Na-Ri only thought he was about to bolt.
She tensed, ready to blitz the herd at inhuman speed, when Kyle stopped her.
"You shouldn't be that stupid. If you didn't know, which is shocking really, these beasts can summon fifty more with just one cry. But of course, that only happens when you attack," he said flatly.
Her dead gaze cut back to him, realising he actually had a point.
For all their stupidity, the boars still had wild instincts, and once pressed, they would call reinforcements.
And she was not so confident that she could face an army.
Even if she began using her elemental affinities, she would eventually wear out her spiritual energy.
However, the creatures were fast approaching, and their essence cores were what she really needed, so she was not going to run away just because of their numbers.
"So what do you suggest?" she inquired without emotion, pointing her dark blade forward while remaining in her stance to attack.
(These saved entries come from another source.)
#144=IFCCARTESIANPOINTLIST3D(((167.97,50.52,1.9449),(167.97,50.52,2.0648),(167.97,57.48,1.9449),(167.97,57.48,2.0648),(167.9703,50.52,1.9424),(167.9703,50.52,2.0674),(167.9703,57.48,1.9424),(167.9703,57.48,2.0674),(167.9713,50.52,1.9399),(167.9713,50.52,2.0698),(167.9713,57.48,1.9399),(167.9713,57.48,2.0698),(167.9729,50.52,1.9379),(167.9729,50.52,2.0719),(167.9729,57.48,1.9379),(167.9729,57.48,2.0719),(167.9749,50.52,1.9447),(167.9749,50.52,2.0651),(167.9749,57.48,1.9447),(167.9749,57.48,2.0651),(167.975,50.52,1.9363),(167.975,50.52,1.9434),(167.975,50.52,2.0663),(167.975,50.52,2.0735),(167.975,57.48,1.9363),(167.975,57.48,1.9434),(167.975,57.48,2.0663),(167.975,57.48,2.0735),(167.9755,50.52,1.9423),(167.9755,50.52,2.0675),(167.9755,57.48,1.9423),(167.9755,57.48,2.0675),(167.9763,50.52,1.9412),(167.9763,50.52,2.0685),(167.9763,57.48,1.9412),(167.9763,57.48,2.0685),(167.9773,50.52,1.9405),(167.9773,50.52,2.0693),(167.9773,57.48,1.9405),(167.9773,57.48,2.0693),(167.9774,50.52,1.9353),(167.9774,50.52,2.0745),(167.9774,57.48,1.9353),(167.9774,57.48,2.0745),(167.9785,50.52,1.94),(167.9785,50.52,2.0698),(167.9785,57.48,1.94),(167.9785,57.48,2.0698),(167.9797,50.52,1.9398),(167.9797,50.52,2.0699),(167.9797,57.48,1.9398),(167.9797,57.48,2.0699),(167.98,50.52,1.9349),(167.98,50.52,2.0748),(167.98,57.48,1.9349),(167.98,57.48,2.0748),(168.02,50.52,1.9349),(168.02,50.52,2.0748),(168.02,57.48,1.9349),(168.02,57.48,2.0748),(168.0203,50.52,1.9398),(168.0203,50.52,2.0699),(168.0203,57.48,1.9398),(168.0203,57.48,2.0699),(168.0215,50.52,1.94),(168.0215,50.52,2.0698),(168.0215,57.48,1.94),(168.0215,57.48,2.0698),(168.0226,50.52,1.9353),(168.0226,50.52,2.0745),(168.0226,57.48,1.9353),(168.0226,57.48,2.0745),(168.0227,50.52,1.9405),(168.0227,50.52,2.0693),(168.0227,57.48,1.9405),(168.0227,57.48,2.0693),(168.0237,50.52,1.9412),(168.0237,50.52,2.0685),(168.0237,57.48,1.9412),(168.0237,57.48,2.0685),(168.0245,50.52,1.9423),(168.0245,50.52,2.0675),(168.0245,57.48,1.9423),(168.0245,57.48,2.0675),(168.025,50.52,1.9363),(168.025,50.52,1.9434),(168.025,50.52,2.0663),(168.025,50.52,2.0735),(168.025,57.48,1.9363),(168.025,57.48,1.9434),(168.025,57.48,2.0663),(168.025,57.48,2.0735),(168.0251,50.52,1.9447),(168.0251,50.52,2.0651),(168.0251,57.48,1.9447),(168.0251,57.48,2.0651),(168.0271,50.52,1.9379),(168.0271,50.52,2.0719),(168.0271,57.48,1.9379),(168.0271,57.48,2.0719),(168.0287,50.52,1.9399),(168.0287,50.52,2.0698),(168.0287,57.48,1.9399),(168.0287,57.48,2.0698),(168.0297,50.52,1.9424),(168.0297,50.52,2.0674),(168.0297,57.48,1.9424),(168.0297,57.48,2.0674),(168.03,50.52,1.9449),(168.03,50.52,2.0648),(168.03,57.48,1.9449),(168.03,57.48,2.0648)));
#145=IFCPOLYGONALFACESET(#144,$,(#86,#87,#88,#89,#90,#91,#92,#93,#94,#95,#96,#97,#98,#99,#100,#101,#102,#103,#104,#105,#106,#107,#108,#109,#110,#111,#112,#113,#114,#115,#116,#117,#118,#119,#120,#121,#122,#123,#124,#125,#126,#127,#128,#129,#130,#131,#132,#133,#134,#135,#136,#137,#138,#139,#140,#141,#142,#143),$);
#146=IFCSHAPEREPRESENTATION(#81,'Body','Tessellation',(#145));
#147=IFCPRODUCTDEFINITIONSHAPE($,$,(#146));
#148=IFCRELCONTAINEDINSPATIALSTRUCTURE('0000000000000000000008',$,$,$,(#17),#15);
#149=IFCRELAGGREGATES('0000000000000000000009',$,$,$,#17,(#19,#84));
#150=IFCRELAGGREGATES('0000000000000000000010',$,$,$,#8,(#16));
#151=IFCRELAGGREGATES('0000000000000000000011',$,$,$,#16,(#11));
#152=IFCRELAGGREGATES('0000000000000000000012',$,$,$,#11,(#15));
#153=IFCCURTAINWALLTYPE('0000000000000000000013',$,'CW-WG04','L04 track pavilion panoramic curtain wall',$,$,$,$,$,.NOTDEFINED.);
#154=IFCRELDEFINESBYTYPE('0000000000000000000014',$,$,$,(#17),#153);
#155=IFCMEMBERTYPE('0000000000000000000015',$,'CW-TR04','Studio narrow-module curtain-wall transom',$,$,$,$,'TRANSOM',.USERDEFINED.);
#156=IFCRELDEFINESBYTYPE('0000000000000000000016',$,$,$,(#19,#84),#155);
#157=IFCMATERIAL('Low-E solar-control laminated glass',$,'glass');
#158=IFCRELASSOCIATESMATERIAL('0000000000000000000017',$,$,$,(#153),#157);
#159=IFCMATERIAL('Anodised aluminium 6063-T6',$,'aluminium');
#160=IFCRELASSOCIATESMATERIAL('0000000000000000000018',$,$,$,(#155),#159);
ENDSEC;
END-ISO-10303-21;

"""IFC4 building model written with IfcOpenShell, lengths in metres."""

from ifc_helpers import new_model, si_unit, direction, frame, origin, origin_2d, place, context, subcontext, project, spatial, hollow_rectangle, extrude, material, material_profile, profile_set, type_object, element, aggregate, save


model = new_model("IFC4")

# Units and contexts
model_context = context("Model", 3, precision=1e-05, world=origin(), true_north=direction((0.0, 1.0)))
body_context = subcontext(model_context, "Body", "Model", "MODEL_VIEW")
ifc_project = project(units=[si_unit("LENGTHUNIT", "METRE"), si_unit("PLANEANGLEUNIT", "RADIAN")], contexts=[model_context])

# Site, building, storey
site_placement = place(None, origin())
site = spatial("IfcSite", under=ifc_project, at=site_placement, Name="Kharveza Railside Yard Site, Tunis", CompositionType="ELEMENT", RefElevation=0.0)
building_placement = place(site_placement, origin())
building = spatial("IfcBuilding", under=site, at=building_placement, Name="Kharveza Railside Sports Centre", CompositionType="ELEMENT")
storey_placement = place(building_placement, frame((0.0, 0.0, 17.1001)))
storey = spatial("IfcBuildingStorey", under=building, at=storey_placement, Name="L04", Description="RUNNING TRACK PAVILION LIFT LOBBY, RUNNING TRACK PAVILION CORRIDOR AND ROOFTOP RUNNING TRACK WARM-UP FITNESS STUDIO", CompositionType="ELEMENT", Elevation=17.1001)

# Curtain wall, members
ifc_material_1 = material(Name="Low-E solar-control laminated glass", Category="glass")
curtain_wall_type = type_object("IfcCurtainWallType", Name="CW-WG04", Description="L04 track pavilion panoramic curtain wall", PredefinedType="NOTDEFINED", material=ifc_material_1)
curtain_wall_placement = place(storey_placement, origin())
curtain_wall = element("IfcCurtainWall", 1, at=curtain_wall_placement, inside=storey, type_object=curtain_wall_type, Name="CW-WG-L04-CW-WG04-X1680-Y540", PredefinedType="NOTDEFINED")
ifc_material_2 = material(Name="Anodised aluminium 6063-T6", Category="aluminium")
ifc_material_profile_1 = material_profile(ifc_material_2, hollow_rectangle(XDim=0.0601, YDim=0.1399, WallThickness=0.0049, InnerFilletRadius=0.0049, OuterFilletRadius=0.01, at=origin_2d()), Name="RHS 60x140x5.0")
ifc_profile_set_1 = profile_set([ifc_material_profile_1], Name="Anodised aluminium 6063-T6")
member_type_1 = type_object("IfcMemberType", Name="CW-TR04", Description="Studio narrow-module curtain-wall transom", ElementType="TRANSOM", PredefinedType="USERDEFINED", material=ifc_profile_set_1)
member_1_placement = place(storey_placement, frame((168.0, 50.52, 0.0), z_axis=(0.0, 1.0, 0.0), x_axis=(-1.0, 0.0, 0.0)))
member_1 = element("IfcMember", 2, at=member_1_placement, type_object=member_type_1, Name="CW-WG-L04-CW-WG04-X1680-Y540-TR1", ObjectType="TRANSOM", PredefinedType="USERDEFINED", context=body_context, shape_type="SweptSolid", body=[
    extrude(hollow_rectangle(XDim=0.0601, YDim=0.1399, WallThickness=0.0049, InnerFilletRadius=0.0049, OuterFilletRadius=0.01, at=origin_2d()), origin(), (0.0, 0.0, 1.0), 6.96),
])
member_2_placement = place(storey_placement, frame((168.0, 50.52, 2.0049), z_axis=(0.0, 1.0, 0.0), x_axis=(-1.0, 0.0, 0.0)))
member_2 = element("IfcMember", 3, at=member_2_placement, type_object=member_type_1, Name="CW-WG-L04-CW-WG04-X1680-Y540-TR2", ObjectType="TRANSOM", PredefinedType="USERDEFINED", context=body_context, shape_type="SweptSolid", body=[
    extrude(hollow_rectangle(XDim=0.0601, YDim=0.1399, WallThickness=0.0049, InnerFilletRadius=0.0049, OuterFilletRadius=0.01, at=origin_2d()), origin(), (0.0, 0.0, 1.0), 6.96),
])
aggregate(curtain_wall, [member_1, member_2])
Kyle's eyes flicked between the charging horde and the trailer, then he explained flatly:
"Alright, here is how this works. Look at that trailer. We will not drop the whole thing on top of them. We just have to use it like a press gate."
Na-Ri blinked, frowning as she turned her gaze to the trailer.
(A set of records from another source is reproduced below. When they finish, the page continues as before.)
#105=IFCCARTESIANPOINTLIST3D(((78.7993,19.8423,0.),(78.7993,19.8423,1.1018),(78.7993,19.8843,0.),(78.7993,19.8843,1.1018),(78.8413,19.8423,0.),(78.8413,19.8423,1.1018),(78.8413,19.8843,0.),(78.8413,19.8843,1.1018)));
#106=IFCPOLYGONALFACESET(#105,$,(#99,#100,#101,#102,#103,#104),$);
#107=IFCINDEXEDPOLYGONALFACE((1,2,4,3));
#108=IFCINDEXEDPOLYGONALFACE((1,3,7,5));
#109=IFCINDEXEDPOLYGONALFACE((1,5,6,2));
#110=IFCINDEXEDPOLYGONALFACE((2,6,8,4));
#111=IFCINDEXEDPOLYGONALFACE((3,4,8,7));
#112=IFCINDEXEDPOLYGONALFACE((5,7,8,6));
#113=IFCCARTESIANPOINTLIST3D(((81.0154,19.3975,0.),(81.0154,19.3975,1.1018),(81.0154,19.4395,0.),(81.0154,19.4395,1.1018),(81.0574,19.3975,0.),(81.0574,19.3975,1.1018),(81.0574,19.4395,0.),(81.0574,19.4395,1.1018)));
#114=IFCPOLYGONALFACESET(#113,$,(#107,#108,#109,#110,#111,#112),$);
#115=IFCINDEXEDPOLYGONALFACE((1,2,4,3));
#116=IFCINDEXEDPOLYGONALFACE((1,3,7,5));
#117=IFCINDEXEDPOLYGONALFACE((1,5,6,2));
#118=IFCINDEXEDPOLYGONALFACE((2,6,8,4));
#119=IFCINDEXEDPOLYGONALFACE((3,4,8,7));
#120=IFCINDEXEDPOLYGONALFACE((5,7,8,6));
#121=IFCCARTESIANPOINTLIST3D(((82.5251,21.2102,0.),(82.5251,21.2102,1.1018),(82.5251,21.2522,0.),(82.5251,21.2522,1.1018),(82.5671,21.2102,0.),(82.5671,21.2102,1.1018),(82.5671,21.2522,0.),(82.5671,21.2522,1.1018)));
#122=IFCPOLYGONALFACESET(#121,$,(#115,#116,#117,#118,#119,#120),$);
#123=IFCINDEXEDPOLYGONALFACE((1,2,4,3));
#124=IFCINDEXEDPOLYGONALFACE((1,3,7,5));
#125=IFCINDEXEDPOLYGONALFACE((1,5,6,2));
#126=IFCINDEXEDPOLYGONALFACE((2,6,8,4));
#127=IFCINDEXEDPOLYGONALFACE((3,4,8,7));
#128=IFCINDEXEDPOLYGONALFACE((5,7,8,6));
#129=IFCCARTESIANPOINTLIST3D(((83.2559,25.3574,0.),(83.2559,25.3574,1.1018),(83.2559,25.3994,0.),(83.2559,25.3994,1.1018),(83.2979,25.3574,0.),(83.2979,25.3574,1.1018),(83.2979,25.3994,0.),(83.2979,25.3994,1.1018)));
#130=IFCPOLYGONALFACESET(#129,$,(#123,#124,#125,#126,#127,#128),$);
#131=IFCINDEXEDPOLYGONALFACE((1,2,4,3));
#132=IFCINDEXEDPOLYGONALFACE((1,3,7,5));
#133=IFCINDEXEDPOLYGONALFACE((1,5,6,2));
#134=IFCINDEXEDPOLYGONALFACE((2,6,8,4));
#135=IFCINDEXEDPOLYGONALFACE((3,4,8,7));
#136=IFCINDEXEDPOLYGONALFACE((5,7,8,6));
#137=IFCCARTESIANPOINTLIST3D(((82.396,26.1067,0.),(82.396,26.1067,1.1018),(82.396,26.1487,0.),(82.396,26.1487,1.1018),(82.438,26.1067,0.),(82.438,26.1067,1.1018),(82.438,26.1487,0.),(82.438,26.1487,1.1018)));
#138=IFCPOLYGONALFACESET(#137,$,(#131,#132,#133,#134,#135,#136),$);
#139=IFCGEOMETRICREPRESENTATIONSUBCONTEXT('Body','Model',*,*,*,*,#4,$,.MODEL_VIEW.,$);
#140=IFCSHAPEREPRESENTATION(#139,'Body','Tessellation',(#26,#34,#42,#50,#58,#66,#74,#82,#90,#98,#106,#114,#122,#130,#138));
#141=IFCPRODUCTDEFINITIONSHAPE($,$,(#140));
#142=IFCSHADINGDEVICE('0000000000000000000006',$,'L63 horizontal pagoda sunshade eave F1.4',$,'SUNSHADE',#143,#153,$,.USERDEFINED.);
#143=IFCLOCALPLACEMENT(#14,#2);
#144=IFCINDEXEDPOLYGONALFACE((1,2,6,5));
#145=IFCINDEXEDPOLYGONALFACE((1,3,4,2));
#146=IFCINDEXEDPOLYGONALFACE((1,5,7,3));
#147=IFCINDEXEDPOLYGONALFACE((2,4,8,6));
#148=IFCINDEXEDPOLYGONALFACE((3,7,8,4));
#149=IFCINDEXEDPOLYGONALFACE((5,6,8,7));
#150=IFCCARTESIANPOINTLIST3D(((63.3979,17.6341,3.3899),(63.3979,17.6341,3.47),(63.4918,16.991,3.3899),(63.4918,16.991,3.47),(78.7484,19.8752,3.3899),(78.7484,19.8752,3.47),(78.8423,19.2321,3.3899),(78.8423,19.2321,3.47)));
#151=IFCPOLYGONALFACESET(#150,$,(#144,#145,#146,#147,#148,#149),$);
"A what?" she asked, a bit dazed by his suggestion.
"Think of a door slamming sideways."
He jabbed a finger toward the lower edge of the trailer.
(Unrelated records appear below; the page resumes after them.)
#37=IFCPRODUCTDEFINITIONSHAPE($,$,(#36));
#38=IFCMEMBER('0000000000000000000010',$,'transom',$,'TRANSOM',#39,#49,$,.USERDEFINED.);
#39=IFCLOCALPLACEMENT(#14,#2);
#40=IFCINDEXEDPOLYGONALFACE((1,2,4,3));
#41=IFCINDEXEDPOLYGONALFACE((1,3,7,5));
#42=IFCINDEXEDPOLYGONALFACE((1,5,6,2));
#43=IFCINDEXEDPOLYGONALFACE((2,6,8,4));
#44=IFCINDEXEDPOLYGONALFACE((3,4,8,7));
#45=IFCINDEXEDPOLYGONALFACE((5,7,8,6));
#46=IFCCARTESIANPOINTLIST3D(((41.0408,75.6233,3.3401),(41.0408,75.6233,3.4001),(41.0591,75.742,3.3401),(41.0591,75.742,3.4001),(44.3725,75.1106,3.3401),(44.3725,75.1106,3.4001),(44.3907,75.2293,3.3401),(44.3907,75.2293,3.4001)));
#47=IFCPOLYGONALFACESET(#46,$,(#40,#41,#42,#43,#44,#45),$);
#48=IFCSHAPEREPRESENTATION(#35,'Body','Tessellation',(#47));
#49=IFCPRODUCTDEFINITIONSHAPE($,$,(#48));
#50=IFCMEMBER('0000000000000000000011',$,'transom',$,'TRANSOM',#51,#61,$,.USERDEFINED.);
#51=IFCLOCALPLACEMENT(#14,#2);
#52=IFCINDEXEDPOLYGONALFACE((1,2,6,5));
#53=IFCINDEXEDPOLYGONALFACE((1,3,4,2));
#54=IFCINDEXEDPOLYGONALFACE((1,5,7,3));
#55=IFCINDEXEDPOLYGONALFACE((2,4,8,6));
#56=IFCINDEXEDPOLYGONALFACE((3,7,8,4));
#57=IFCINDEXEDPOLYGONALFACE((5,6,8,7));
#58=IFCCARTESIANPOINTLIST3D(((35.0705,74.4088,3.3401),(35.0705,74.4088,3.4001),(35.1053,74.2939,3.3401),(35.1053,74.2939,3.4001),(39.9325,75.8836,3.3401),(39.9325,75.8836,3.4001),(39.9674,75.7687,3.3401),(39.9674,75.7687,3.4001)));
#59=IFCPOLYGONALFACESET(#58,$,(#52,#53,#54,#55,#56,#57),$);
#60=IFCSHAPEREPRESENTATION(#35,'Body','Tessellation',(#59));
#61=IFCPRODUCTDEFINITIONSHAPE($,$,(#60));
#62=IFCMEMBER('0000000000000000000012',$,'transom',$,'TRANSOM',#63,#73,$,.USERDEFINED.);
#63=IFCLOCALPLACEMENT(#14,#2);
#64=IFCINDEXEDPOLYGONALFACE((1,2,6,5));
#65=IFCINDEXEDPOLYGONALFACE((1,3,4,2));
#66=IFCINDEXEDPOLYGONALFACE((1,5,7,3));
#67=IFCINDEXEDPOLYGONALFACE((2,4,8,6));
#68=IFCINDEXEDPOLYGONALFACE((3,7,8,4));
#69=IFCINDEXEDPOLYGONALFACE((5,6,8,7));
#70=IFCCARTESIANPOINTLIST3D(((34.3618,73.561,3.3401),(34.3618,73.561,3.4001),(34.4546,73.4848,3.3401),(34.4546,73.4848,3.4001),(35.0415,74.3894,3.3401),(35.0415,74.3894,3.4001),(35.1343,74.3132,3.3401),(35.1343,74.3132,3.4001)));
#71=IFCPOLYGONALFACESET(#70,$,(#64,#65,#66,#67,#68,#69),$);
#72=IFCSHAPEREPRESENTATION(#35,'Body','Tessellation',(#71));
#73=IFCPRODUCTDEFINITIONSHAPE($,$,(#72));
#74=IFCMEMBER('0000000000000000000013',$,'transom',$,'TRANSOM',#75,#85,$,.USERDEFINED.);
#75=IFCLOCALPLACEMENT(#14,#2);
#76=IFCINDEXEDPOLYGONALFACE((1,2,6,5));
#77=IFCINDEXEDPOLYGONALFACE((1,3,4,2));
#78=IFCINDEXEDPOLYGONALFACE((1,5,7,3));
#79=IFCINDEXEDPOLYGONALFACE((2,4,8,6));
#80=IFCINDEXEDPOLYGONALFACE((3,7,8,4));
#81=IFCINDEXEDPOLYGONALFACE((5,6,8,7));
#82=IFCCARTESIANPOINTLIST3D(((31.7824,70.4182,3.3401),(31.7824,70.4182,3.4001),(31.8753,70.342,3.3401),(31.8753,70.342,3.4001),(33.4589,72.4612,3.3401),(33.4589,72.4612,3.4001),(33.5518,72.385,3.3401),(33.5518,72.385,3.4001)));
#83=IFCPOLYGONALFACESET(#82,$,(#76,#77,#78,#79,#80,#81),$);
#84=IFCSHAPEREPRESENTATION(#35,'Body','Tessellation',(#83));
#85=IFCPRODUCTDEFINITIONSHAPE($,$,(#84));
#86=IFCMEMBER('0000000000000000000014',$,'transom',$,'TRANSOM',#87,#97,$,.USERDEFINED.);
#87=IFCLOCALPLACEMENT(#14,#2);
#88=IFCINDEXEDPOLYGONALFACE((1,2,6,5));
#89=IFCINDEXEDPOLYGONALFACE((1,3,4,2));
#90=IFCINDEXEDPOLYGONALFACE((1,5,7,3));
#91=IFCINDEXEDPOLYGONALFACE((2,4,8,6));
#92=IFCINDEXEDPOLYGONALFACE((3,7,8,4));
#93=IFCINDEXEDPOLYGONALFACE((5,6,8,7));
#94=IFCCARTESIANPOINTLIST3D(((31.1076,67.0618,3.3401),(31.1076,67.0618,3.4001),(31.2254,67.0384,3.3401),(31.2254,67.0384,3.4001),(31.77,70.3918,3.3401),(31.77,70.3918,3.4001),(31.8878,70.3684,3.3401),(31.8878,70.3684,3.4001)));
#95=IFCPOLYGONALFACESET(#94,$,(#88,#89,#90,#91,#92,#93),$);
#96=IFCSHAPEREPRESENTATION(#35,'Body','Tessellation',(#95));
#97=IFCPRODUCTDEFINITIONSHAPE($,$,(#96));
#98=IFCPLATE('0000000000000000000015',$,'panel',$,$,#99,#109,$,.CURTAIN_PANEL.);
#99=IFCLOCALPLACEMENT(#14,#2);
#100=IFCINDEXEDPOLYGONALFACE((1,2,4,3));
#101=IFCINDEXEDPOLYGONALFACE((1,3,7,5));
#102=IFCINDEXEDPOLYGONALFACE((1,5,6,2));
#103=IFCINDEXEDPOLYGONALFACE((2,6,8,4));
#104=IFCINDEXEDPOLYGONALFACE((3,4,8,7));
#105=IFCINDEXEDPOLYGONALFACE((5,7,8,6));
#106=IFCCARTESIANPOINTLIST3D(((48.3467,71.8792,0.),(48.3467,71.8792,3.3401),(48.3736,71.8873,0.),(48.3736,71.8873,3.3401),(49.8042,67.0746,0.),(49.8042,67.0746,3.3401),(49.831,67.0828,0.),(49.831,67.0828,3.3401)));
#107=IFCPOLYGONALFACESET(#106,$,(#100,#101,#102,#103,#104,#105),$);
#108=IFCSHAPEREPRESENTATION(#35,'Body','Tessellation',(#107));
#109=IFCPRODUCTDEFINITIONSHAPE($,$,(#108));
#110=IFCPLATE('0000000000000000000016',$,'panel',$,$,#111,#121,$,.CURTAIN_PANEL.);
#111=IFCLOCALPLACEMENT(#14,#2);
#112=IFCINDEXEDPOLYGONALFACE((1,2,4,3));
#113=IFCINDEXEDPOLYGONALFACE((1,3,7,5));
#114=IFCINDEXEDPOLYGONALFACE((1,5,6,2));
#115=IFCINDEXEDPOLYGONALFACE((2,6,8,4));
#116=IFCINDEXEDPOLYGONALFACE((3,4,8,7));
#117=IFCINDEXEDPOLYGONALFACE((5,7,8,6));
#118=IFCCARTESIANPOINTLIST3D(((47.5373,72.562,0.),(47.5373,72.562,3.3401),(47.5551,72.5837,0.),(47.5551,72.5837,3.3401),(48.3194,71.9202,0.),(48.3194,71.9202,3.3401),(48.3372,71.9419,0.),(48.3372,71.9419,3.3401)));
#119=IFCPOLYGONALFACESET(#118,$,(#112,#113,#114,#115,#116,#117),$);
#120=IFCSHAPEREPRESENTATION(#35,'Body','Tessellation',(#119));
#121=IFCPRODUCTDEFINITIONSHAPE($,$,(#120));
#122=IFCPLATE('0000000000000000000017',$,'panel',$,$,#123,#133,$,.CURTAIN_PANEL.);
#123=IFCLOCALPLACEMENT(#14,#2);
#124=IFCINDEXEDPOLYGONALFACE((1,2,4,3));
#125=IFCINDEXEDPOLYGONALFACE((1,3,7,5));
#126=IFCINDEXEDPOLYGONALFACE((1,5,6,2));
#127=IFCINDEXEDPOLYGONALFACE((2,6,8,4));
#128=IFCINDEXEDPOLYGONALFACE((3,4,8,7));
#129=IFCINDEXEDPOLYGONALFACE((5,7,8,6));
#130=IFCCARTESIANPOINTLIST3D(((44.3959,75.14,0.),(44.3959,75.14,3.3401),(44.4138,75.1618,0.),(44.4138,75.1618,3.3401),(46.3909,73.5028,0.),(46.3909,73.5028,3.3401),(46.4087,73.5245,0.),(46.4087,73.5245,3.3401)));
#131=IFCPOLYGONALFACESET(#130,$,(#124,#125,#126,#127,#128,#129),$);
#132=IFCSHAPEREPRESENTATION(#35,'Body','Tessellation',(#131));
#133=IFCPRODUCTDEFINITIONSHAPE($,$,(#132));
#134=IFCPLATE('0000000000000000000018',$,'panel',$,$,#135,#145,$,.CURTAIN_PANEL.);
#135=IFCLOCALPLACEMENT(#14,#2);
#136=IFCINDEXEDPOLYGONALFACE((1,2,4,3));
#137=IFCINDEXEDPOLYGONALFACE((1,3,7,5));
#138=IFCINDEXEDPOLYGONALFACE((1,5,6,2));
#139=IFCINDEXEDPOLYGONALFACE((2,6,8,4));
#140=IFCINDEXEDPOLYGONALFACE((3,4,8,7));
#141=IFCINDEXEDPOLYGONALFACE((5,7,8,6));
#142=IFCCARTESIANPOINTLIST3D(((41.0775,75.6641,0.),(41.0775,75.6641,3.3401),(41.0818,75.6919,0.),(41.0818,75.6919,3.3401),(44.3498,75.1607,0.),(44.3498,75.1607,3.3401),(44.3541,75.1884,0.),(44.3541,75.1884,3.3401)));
"We knock out the supports on the downhill side only, and when the idiots pile in, their own weight will force the frame down at an angle, not flat. Half of them will be pinned and broken against the rocks, and the other half will be jammed into each other like trash in a compactor. And the best part?"
His forced grin sharpened.
"Their cores will still be reachable, so we do not have to bury the goods. We just trap the delivery."
Na-Ri tightened her grip on her blade, feeling a bit sceptical.
"Okay. And if the frame collapses all the way?"
"Uh? Then congratulations, you get crushed under a trailer before even touching your precious cores. But since you are quick, we will be fine."
He bent low, wedging a bent iron beam he had picked up recently under the trailer's midsection.
"We pull this when they are close, and gravity and panic will do the rest."
The pounding of claws grew louder, echoing through the ruined highway.
Kyle glanced at her with a scowl.
"And before you open your mouth again, I take seventy percent of the essence cores, you take thirty. Besides, this is my plan, and you already promised me the next kill, remember? This counts."
Na-Ri's face darkened to pitch black.
She had indeed promised such, figuratively shooting herself in the leg, and now he was wringing her dry with it.
The beasts then crashed forward like a tide of snarling bodies funnelled through the choke.
Kyle yanked the beam without hesitation, and the trailer sagged sideways with a metallic screech.
The first wave of creatures slammed into the rock wall, their bones snapping like twigs.
Those behind them shoved forward mindlessly, jamming the front line even tighter.
Within moments, the narrow path became a living grinder, spines cracking and limbs flailing uselessly as the horde crushed itself against the half-fallen hulk.
Na-Ri exhaled sharply, realising the weasel had been right.
'...He is smart, I see.'
The bodies lay exposed and bleeding, their cores practically glimmering to be taken once the frenzy ended.
The manual did not affiliate any kill to either of them, due to the known reason that they had not directly killed the beasts.
Kyle dusted his hands as though it had been nothing, then said curtly:
"There you go. I just made everything efficient, low energy, and best of all accessible merchandise. Now, shall we start counting my seventy?"